Wall Street, to put it mildly, has been preoccupied with these twin issues for the past few weeks, a period that has seen exaggerated movements on an hourly, daily, and weekly basis in the U.S. equity market. And yesterday was just more of the same. To wit, after the news programs were brimming over on Sunday with members of Congress and assorted commentators taking to the air waves to attempt to justify their opposing positions, the equity futures sold off broadly on Sunday night, presaging a notably weaker opening yesterday morning.

And, as if on cue, when there were no late night breakthroughs, the stock market did open to the downside, by some 100 points in the Dow Jones Industrial Average in the early going. But when there was no subsequent sharp selling later in the morning, and the key averages stabilized, the buyers entered the fray, hesitantly at first, but then more definitively as the early afternoon unfolded. Indeed, by close to 2:00 PM (EDT), the equity market had stepped gingerly into the plus column. Then, as a number of government officials voiced optimism that a deal to finally end the two-week-long shutdown and raise the nation's borrowing limit could, in fact, be in the offing, the gains solidified, with the Dow, at one point, rising to a session gain of more than 70 points, before easing back slightly to close with a still-healthy rise of 64 points. The NASDAQ, too, was strong, gaining 23 points on the day, while advancing issues outdid falling stocks by a moderate degree. The reverse had held true earlier in the session.

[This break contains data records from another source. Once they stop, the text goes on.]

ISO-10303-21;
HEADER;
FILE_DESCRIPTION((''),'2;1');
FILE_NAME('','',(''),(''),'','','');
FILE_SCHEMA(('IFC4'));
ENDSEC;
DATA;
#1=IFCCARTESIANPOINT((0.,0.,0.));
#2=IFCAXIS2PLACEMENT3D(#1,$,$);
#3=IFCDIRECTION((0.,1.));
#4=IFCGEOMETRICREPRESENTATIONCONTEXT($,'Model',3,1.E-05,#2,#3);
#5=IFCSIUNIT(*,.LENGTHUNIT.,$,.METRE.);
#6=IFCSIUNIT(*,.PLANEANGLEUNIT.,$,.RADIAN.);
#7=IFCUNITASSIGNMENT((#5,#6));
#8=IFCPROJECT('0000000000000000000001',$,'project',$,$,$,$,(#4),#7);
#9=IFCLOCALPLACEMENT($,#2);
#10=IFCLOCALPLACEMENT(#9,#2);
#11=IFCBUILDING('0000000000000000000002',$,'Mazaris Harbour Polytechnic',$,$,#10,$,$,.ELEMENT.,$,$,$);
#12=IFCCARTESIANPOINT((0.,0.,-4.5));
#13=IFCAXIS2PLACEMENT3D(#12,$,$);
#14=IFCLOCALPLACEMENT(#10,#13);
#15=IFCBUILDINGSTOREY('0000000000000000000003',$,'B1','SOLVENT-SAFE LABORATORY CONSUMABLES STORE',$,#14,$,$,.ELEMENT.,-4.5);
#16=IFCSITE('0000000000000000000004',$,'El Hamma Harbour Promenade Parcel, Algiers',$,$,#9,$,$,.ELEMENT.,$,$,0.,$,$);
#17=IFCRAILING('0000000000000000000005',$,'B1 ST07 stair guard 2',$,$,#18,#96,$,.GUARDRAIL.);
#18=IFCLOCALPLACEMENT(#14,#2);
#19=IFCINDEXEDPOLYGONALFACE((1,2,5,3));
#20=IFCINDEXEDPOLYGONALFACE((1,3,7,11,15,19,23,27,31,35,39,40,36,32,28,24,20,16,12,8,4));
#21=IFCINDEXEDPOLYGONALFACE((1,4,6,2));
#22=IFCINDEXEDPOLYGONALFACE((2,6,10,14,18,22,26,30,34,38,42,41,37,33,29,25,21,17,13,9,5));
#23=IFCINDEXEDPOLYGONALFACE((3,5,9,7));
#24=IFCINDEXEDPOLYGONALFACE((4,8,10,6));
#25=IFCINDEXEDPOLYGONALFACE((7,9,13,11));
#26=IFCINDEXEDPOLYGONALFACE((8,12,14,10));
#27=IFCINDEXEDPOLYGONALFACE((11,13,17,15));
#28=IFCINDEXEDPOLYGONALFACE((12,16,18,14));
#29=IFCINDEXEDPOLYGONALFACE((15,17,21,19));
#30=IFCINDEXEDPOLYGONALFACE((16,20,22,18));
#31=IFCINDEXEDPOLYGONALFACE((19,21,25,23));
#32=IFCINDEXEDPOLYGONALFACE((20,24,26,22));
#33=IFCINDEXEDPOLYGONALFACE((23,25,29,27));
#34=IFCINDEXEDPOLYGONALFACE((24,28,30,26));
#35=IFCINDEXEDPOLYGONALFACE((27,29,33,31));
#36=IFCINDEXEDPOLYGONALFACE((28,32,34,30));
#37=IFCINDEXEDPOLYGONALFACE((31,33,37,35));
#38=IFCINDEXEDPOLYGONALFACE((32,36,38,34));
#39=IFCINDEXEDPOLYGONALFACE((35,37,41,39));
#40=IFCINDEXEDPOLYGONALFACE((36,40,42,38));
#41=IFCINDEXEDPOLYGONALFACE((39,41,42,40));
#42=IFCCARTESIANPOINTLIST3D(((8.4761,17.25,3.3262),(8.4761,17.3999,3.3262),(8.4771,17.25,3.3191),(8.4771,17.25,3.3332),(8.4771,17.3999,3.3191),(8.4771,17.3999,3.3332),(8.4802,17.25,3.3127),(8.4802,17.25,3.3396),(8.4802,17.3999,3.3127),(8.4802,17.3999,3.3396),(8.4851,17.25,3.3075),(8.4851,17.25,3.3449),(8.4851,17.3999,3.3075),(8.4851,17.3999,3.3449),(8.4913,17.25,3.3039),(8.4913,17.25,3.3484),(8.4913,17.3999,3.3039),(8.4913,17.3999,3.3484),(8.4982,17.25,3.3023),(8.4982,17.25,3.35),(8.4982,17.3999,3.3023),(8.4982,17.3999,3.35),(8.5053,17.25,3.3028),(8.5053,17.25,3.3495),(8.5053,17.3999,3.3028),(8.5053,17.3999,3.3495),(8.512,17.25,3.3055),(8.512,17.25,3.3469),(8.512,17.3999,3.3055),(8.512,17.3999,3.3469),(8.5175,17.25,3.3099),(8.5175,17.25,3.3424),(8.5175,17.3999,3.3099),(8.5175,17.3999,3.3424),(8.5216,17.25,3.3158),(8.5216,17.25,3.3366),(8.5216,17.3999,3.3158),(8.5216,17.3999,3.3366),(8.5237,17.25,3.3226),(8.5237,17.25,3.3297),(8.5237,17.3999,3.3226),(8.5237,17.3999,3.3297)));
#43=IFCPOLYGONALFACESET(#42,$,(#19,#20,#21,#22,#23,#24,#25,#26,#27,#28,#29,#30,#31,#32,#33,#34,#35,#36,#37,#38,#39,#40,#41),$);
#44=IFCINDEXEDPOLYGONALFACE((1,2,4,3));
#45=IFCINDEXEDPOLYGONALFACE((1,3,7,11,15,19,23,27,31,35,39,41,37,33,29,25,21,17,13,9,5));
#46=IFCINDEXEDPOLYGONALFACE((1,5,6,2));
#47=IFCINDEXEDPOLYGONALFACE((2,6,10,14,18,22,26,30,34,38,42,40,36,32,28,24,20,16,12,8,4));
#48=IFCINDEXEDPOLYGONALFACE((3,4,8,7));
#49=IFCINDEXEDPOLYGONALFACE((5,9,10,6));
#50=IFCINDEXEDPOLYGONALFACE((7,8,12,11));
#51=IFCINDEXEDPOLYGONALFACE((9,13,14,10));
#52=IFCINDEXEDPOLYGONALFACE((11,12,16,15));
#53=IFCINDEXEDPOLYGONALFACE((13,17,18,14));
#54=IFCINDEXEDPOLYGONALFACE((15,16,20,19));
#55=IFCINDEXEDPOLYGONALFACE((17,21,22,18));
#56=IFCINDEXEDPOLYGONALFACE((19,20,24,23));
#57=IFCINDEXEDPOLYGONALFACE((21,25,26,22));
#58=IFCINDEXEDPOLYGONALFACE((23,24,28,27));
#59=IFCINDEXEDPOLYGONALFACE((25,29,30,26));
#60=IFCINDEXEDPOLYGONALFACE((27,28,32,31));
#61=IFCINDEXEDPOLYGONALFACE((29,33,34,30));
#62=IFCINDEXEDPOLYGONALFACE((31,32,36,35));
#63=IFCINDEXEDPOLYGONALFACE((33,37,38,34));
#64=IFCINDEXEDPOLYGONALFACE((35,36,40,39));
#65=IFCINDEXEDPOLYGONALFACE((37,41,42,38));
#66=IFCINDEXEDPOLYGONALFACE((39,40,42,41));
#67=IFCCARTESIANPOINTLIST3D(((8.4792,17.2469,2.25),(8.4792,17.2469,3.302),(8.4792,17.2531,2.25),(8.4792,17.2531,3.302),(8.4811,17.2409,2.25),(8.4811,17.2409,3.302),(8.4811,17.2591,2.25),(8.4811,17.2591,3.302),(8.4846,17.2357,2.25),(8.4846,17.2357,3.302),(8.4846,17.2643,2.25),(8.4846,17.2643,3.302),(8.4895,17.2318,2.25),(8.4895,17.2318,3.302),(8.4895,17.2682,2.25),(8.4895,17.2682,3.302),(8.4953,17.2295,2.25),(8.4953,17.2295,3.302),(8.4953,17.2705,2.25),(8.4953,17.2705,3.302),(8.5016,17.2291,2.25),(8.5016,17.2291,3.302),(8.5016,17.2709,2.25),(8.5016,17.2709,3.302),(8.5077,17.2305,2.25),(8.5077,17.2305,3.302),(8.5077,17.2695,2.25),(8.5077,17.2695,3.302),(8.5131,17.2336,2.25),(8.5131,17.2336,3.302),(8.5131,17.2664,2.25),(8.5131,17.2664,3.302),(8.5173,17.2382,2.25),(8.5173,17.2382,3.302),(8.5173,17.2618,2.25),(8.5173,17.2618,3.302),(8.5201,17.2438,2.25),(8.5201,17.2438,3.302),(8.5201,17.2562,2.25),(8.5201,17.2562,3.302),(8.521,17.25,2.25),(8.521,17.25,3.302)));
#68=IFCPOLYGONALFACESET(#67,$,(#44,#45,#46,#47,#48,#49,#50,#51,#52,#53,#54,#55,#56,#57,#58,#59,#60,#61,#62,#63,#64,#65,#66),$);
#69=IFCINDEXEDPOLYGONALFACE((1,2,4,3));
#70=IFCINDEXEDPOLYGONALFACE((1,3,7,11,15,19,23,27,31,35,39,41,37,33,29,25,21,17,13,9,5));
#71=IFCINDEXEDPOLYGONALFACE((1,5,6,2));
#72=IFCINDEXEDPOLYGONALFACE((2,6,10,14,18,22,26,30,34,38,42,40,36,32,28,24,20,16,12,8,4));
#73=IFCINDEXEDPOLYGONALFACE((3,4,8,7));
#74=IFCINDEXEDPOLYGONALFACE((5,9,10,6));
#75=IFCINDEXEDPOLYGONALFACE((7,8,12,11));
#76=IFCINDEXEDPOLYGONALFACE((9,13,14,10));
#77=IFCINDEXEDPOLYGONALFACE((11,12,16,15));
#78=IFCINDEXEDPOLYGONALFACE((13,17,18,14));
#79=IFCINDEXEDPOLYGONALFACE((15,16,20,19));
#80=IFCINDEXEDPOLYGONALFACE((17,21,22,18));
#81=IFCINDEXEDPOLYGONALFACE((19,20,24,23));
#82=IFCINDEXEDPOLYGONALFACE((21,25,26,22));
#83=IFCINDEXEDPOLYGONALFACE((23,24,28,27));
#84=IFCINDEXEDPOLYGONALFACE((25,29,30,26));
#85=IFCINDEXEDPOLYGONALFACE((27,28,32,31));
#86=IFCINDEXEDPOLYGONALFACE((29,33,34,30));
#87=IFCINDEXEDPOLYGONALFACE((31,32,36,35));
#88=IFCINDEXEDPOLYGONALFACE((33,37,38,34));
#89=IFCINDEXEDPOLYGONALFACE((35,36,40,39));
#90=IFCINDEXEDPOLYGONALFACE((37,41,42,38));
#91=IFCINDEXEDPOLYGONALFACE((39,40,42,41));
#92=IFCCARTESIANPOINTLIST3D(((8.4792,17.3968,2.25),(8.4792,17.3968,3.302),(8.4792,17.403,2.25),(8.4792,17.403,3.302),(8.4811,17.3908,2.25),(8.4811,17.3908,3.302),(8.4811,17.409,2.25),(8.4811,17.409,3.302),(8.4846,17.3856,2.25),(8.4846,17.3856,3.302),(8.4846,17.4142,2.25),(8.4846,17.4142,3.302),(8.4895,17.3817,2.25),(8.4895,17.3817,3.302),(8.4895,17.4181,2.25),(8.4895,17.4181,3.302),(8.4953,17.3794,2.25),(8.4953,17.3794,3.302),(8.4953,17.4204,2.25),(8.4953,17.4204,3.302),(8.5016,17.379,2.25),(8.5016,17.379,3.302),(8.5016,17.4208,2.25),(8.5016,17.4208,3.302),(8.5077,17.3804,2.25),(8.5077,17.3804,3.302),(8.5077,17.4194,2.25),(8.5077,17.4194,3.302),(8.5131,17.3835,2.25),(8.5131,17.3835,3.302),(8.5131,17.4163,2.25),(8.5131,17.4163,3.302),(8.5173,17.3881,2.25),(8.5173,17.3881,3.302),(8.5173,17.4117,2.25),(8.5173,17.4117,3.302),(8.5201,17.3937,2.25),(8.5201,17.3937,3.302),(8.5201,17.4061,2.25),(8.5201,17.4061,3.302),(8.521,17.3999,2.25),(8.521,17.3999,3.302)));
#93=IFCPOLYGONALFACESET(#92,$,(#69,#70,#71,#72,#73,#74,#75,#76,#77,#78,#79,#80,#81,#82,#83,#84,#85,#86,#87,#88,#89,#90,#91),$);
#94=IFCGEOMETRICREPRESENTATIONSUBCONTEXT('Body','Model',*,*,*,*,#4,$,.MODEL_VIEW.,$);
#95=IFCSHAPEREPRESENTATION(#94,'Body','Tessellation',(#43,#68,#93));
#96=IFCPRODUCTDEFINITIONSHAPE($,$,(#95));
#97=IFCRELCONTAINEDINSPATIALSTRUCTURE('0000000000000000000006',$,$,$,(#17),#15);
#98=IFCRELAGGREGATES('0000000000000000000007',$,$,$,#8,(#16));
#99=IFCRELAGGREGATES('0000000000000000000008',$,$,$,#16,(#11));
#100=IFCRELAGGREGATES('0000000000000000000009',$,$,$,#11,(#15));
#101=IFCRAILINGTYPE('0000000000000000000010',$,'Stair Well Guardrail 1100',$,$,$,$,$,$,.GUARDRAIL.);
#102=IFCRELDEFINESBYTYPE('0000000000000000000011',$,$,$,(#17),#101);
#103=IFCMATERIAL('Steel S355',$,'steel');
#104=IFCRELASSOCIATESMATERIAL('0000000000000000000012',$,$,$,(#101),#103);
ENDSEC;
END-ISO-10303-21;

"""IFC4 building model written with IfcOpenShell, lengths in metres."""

from ifc_helpers import new_model, si_unit, direction, frame, origin, origin_2d, place, context, subcontext, project, spatial, circle, extrude, material, type_object, element, save


model = new_model("IFC4")

# Units and contexts
model_context = context("Model", 3, precision=1e-05, world=origin(), true_north=direction((0.0, 1.0)))
body_context = subcontext(model_context, "Body", "Model", "MODEL_VIEW")
ifc_project = project(units=[si_unit("LENGTHUNIT", "METRE"), si_unit("PLANEANGLEUNIT", "RADIAN")], contexts=[model_context])

# Site, building, storey
site_placement = place(None, origin())
site = spatial("IfcSite", under=ifc_project, at=site_placement, Name="El Hamma Harbour Promenade Parcel, Algiers", CompositionType="ELEMENT", RefElevation=0.0)
building_placement = place(site_placement, origin())
building = spatial("IfcBuilding", under=site, at=building_placement, Name="Mazaris Harbour Polytechnic", CompositionType="ELEMENT")
storey_placement = place(building_placement, frame((0.0, 0.0, -4.5)))
storey = spatial("IfcBuildingStorey", under=building, at=storey_placement, Name="B1", Description="SOLVENT-SAFE LABORATORY CONSUMABLES STORE", CompositionType="ELEMENT", Elevation=-4.5)

# Railing
ifc_material_1 = material(Name="Steel S355", Category="steel")
railing_type_1 = type_object("IfcRailingType", Name="Stair Well Guardrail 1100", PredefinedType="GUARDRAIL", material=ifc_material_1)
railing_1_placement = place(storey_placement, frame((8.5, 17.25, 2.25)))
element("IfcRailing", 1, at=railing_1_placement, inside=storey, type_object=railing_type_1, Name="B1 ST07 stair guard 2", PredefinedType="GUARDRAIL", context=body_context, shape_type="SweptSolid", body=[
    extrude(circle(Radius=0.0239, at=origin_2d()), frame((0.0, 0.0, 1.0762), z_axis=(0.0, 1.0, 0.0), x_axis=(-1.0, 0.0, 0.0)), (0.0, 0.0, 1.0), 0.1499),
    extrude(circle(Radius=0.021, at=origin_2d()), origin(), (0.0, 0.0, 1.0), 1.052),
    extrude(circle(Radius=0.021, at=origin_2d()), frame((0.0, 0.1499, 0.0)), (0.0, 0.0, 1.0), 1.052),
])

save(model, "model.ifc")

Now, this morning, indications are that the Senate is optimistic that a deal can be achieved on their side. However, the more difficult task will be to get a thumbs up in the House, where the Republicans are in the majority, unlike the Senate, and a deal may be less certain. Overall, though, our sense continues to be that some accord will be reached before midnight on October 17th, and that an extension of the debt ceiling until February of 2014 will be a key aspect of that agreement.

Meanwhile, the market, as noted, has been talking a fairly upbeat view of things right along, refusing to take a wholly pessimistic view and selling off. Should such a debt extension not be secured and a default on our borrowing result, a major market drop would almost certainly ensue. Congress must be well aware of that and notwithstanding the often harsh rhetoric on both sides of the aisle and the seeming stubborn refusal to compromise, cooler heads should, in the end, prevail.                

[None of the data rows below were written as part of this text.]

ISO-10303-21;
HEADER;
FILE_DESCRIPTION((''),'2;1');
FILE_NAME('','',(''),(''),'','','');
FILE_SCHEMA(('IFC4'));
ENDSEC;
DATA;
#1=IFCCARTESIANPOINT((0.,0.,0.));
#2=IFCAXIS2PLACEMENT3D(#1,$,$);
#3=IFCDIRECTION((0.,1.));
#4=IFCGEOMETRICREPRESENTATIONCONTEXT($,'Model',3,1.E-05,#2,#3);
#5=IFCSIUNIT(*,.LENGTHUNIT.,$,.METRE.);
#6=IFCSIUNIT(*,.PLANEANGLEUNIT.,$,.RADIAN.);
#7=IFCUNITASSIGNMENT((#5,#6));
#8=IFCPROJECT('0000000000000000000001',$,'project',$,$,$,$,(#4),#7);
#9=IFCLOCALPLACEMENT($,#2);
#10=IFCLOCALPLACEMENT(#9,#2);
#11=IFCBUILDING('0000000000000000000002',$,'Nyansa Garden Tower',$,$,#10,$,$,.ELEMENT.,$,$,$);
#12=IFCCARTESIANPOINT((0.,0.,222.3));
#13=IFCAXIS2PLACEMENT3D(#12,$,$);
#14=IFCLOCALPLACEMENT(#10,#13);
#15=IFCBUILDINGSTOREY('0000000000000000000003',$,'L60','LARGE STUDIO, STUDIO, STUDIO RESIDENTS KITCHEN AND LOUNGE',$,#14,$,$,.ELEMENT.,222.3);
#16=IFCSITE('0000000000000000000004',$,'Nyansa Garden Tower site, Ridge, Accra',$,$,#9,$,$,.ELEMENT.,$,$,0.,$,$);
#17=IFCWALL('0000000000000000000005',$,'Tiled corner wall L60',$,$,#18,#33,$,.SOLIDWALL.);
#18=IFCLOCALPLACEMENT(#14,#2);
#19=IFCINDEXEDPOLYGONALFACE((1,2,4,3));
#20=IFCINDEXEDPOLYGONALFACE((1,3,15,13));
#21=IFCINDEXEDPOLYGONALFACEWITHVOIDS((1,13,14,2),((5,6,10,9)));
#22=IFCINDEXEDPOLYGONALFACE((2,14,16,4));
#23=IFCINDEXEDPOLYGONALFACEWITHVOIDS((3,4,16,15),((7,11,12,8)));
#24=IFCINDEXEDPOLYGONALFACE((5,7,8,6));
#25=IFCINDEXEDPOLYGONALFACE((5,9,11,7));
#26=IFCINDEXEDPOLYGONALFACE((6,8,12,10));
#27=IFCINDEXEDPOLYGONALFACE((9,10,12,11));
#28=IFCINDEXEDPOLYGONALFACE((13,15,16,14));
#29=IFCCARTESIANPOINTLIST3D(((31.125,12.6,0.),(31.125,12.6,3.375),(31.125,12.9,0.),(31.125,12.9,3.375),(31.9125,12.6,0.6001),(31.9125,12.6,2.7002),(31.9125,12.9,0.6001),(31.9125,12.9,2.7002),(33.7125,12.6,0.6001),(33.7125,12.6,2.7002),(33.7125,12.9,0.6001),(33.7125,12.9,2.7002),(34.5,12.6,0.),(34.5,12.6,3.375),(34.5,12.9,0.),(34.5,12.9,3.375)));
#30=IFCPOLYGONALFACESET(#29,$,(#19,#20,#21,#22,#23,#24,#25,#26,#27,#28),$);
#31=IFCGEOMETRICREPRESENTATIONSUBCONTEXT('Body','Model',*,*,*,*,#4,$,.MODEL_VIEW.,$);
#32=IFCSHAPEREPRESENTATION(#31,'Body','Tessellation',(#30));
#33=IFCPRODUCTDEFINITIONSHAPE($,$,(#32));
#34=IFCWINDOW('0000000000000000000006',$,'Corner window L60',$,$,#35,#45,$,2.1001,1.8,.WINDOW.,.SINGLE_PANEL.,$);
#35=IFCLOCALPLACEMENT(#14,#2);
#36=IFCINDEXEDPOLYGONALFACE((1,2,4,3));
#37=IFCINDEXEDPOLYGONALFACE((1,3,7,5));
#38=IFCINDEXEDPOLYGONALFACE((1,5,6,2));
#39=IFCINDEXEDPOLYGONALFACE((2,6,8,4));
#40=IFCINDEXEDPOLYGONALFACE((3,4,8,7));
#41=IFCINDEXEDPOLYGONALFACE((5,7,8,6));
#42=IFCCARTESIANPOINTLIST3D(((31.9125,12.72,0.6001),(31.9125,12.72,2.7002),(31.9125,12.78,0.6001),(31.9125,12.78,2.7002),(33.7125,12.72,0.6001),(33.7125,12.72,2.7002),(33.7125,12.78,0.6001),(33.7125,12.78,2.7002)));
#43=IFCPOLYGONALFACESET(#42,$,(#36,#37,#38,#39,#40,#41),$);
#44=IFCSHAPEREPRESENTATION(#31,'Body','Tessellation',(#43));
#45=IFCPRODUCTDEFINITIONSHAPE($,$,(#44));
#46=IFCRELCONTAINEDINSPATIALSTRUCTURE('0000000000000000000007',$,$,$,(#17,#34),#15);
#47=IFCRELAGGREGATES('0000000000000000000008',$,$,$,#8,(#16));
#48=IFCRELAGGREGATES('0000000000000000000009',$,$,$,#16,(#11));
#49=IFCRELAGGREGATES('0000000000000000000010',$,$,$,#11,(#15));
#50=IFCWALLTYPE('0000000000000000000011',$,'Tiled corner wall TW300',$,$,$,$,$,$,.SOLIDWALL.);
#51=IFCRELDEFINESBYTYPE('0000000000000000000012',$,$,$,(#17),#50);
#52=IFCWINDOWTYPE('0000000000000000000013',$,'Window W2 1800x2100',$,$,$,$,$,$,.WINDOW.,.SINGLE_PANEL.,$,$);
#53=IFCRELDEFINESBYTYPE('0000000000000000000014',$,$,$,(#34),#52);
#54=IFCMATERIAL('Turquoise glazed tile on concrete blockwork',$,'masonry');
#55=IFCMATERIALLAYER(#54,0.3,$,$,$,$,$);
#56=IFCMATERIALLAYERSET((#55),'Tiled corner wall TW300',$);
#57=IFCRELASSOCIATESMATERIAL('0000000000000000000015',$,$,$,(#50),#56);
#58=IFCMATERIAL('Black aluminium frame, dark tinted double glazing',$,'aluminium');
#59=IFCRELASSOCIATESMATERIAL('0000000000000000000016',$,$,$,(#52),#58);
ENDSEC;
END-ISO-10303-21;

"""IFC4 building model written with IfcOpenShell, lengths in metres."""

from ifc_helpers import new_model, si_unit, direction, frame, frame_2d, origin, place, context, subcontext, project, spatial, rectangle, extrude, material, layer, layer_set, type_object, element, fill, save


model = new_model("IFC4")

# Units and contexts
model_context = context("Model", 3, precision=1e-05, world=origin(), true_north=direction((0.0, 1.0)))
body_context = subcontext(model_context, "Body", "Model", "MODEL_VIEW")
ifc_project = project(units=[si_unit("LENGTHUNIT", "METRE"), si_unit("PLANEANGLEUNIT", "RADIAN")], contexts=[model_context])

# Site, building, storey
site_placement = place(None, origin())
site = spatial("IfcSite", under=ifc_project, at=site_placement, Name="Nyansa Garden Tower site, Ridge, Accra", CompositionType="ELEMENT", RefElevation=0.0)
building_placement = place(site_placement, origin())
building = spatial("IfcBuilding", under=site, at=building_placement, Name="Nyansa Garden Tower", CompositionType="ELEMENT")
storey_placement = place(building_placement, frame((0.0, 0.0, 222.3)))
storey = spatial("IfcBuildingStorey", under=building, at=storey_placement, Name="L60", Description="LARGE STUDIO, STUDIO, STUDIO RESIDENTS KITCHEN AND LOUNGE", CompositionType="ELEMENT", Elevation=222.3)

# Wall, opening, window
ifc_material_1 = material(Name="Turquoise glazed tile on concrete blockwork", Category="masonry")
ifc_layer_1 = layer(ifc_material_1, 0.3)
ifc_layer_set_1 = layer_set([ifc_layer_1], Name="Tiled corner wall TW300")
wall_type_1 = type_object("IfcWallType", Name="Tiled corner wall TW300", PredefinedType="SOLIDWALL", material=ifc_layer_set_1)
ifc_material_2 = material(Name="Black aluminium frame, dark tinted double glazing", Category="aluminium")
window_type = type_object("IfcWindowType", Name="Window W2 1800x2100", PartitioningType="SINGLE_PANEL", PredefinedType="WINDOW", material=ifc_material_2)
wall_1_placement = place(storey_placement, frame((31.125, 12.75, 0.0), z_axis=(0.0, 0.0, 1.0), x_axis=(1.0, 0.0, 0.0)))
wall_1 = element("IfcWall", 1, at=wall_1_placement, inside=storey, type_object=wall_type_1, Name="Tiled corner wall L60", PredefinedType="SOLIDWALL", context=body_context, shape_type="SweptSolid", body=[
    extrude(rectangle(XDim=3.375, YDim=0.3, at=frame_2d((1.6875, 0.0))), origin(), (0.0, 0.0, 1.0), 3.375),
])
opening_1_placement = place(wall_1_placement, frame((0.7876, 0.0, 0.6001)))
opening_1 = element("IfcOpeningElement", 2, at=opening_1_placement, cuts=wall_1, PredefinedType="OPENING", context=body_context, shape_type="SweptSolid", body=[
    extrude(rectangle(XDim=1.8, YDim=2.1001, at=frame_2d((0.8999, 1.05))), frame((0.0, 0.1599, 0.0), z_axis=(0.0, -1.0, 0.0), x_axis=(1.0, 0.0, 0.0)), (0.0, 0.0, 1.0), 0.3201),
])
window_1_placement = place(opening_1_placement, origin())
window_1 = element("IfcWindow", 3, at=window_1_placement, inside=storey, type_object=window_type, Name="Corner window L60", OverallHeight=2.1001, OverallWidth=1.8, PartitioningType="SINGLE_PANEL", PredefinedType="WINDOW", context=body_context, shape_type="SweptSolid", body=[
    extrude(rectangle(XDim=1.8, YDim=2.1001, at=frame_2d((0.8999, 1.05))), frame((0.0, 0.03, 0.0), z_axis=(0.0, -1.0, 0.0), x_axis=(1.0, 0.0, 0.0)), (0.0, 0.0, 1.0), 0.0601),
])
fill(opening_1, window_1)

save(model, "model.ifc")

In the meantime, there is other news and an absence of news, at the same time. In the former area, a number of large and small companies are now in the process of reporting their third-quarter reports, with no fewer than nine of the 30 Dow companies set to issue their financials in the coming four days. So far, the earnings news has been mixed; we would expect such a disparate pattern to persist.  As to the absence of news, the government shutdown is keeping reports on consumer prices, industrial production, and housing starts at bay this week.

Finally, after the nice comeback yesterday, the equity futures are presaging a mixed start to the trading day this morning, with the Standard and Poor's 500 Index futures off by some three points and the NASDAQ futures up by a like number of points. Bonds are falling, though, with the yield on the 10-year Treasury note up to 2.72%. – Harvey S. Katz

At the time of this article's writing, the author did not have positions in any of the companies mentioned.